Natural fats, such as butter, are a complex mixture of components and comprise, as major constituents, triglycerides, each being an ester of up to three fatty acid moieties and glycerol. The nature of the individual fatty acid moieties differ, depending on the source. Even from a given source, the glycerides can vary significantly from day to day and season to season. Such variability presents difficulties to the users, such as bakers, because slight changes in the constituents of a fatty ingredient may have substantial impact upon the quality and properties of the final product. Accordingly, users of such natural fat products must continually adjust formulation and process variables to accommodate such changes in the natural fat sources.
Butter, in general, because of it being an extremely varied and complex mixture of fatty acid glycerides, has indefinite properties and characteristics, such as melting point, which typically occurs over a wide temperature range. The properties and characteristics also vary with seasonal and climatic changes.

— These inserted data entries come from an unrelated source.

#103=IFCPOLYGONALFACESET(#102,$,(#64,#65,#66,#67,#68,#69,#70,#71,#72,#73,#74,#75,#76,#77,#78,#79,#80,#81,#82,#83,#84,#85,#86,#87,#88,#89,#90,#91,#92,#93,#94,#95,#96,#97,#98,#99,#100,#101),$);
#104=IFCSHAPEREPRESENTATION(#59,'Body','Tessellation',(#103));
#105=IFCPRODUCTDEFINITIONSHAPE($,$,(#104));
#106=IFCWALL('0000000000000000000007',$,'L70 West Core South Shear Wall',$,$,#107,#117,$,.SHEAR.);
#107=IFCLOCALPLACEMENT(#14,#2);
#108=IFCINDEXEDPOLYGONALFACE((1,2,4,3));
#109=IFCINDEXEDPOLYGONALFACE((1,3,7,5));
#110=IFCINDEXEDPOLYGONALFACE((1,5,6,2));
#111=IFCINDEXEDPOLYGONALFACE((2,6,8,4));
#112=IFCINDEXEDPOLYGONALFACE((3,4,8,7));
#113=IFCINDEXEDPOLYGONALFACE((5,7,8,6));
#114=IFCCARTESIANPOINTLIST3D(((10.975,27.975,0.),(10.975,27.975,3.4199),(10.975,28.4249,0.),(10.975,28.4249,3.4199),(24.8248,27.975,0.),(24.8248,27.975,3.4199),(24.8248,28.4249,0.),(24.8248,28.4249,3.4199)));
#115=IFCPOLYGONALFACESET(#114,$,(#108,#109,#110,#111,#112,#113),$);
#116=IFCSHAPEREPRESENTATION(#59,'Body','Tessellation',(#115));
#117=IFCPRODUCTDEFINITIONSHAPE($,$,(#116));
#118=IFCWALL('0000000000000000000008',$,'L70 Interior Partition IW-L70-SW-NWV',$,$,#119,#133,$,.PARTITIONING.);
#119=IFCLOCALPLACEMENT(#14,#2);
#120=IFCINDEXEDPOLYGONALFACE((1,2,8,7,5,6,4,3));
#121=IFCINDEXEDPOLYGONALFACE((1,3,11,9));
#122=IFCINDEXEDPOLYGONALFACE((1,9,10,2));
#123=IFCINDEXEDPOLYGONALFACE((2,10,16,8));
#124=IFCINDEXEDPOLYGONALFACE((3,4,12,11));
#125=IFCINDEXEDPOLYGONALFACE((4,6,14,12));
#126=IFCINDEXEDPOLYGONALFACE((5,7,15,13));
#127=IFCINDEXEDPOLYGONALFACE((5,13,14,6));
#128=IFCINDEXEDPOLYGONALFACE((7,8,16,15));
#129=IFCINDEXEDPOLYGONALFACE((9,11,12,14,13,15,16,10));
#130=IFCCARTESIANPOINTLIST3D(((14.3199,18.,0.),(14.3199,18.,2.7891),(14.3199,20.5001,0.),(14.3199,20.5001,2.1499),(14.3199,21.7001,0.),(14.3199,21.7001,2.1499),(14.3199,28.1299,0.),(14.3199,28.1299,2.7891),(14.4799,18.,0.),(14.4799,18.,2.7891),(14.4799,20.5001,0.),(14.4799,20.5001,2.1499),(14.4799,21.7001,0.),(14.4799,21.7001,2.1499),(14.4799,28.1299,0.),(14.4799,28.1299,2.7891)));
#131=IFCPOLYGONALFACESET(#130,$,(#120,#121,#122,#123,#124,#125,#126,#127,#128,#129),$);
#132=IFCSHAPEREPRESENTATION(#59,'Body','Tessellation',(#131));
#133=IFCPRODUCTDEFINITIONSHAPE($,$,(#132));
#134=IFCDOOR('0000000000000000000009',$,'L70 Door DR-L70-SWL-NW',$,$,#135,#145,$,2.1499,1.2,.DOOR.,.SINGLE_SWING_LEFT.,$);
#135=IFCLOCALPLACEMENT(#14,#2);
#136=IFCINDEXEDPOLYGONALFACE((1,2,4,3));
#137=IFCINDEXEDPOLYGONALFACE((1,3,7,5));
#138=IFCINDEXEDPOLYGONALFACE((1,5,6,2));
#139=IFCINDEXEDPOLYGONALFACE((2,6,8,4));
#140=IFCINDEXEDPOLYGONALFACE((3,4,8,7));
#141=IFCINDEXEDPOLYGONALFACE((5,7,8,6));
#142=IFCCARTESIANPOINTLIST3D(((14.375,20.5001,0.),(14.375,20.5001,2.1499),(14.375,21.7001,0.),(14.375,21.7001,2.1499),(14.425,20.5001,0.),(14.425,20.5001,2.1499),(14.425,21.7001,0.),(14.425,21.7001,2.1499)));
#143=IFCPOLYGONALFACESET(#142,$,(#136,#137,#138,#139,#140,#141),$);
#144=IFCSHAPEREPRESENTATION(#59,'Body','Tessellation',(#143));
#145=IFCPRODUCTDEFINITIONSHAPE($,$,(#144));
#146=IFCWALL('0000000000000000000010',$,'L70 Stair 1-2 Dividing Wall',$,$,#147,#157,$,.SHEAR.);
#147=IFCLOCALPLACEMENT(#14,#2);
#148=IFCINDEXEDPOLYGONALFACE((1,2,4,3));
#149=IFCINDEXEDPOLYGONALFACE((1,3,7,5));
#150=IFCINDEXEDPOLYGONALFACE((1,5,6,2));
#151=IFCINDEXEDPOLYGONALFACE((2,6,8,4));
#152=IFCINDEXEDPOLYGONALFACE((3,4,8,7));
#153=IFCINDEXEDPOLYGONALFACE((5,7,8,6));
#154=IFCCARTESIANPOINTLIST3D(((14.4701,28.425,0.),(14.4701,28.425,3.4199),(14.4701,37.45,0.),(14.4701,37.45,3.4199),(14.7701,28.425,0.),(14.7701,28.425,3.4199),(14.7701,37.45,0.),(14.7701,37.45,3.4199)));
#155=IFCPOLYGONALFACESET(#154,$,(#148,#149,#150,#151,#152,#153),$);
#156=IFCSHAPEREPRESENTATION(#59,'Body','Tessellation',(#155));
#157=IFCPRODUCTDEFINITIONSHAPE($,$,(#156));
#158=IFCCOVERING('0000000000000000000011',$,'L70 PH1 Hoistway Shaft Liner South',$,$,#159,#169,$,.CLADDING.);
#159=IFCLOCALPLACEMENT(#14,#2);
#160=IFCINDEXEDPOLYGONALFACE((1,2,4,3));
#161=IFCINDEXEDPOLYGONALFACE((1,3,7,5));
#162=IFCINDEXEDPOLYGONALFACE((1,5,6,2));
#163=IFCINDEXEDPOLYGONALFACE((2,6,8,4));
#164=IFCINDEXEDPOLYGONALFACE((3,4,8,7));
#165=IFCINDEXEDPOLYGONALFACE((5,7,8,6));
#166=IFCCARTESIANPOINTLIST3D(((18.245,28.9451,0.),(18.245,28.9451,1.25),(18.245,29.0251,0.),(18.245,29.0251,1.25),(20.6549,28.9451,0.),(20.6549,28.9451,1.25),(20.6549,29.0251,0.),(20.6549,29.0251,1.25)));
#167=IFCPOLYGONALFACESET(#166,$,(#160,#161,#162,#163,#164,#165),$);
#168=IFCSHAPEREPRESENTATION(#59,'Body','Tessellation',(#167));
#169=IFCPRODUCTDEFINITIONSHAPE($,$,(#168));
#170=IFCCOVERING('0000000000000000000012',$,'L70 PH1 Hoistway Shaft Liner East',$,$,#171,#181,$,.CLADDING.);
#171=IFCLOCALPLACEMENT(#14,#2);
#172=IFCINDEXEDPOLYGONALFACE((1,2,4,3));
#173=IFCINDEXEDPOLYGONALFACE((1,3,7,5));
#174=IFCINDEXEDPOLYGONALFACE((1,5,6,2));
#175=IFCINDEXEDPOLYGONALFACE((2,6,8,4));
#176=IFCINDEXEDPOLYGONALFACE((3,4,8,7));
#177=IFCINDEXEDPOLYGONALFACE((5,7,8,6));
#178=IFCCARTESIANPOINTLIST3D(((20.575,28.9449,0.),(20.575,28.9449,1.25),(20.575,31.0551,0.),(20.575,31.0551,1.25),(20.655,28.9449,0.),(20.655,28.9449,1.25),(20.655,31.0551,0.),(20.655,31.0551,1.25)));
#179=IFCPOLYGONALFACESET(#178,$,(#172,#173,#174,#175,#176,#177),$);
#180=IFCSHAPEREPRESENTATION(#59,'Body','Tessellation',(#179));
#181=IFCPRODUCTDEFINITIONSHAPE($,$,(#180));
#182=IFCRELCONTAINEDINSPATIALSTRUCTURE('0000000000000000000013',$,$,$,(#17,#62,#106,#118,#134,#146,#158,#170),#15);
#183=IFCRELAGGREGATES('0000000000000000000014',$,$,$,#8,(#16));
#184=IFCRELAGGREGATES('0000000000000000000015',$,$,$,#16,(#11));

Because of such variability, it would be beneficial to have a means of providing various fat products with some degree of uniformity, to obviate the need for the user to continually monitor and adjust processing conditions. In the baking and cooking industry, it is particularly critical to have available fat components that have very narrowly defined properties, such as narrow and well-defined melting points.
Also, it is well recognized that many, if not most, natural fats that find use in consumer foods, contain substantial amounts of saturated fats. Butter is a prime example. For many consumer applications, it would be desirable to reduce the amount of saturated fat in the end product, as by reducing the amount of saturated fat in the initial fat constituent, such as butter. Thus, a general process capable of lowering the amount of saturated fat, when compared with an unprocessed natural product, such as butter, would be desirable.
Although various techniques and processes have been employed to treat natural fatty materials, such as butter, to derive fat fractions with specific characteristics, most such process do more than just alter the components of the material, they also adversely affect quality of the product, especially with respect to its taste, aroma, or texture.
When one considers butter, for example, any processed product to be acceptable to a consumer needs to maintain the flavor and texture of butter. Spreadability upon removal from the refrigerator is also desirable.
Because the saturated fats, in general, have higher melting points than unsaturated fats, through the selective removal of at least a portion of such higher-melting fats, it is possible to make a fat-fraction that is lower in saturated fats, while being spreadable, as the unsaturated fraction has a higher proportion of lower-melting components, making the same spreadable.
A number of commercial processes have been attempted to produce fractions of natural fat compositions with defined properties, as for use in the cooking and baking industry. Such processes have included short path distillation, super-critical extraction and melt crystallization, In general, the processes result in the production of a "hard" fraction containing the high melting fats, and a light fraction containing the low melting materials. When the starting material is butter, the "hard" fraction is useful in baking applications and in shortenings. The light fraction may be employed as butter.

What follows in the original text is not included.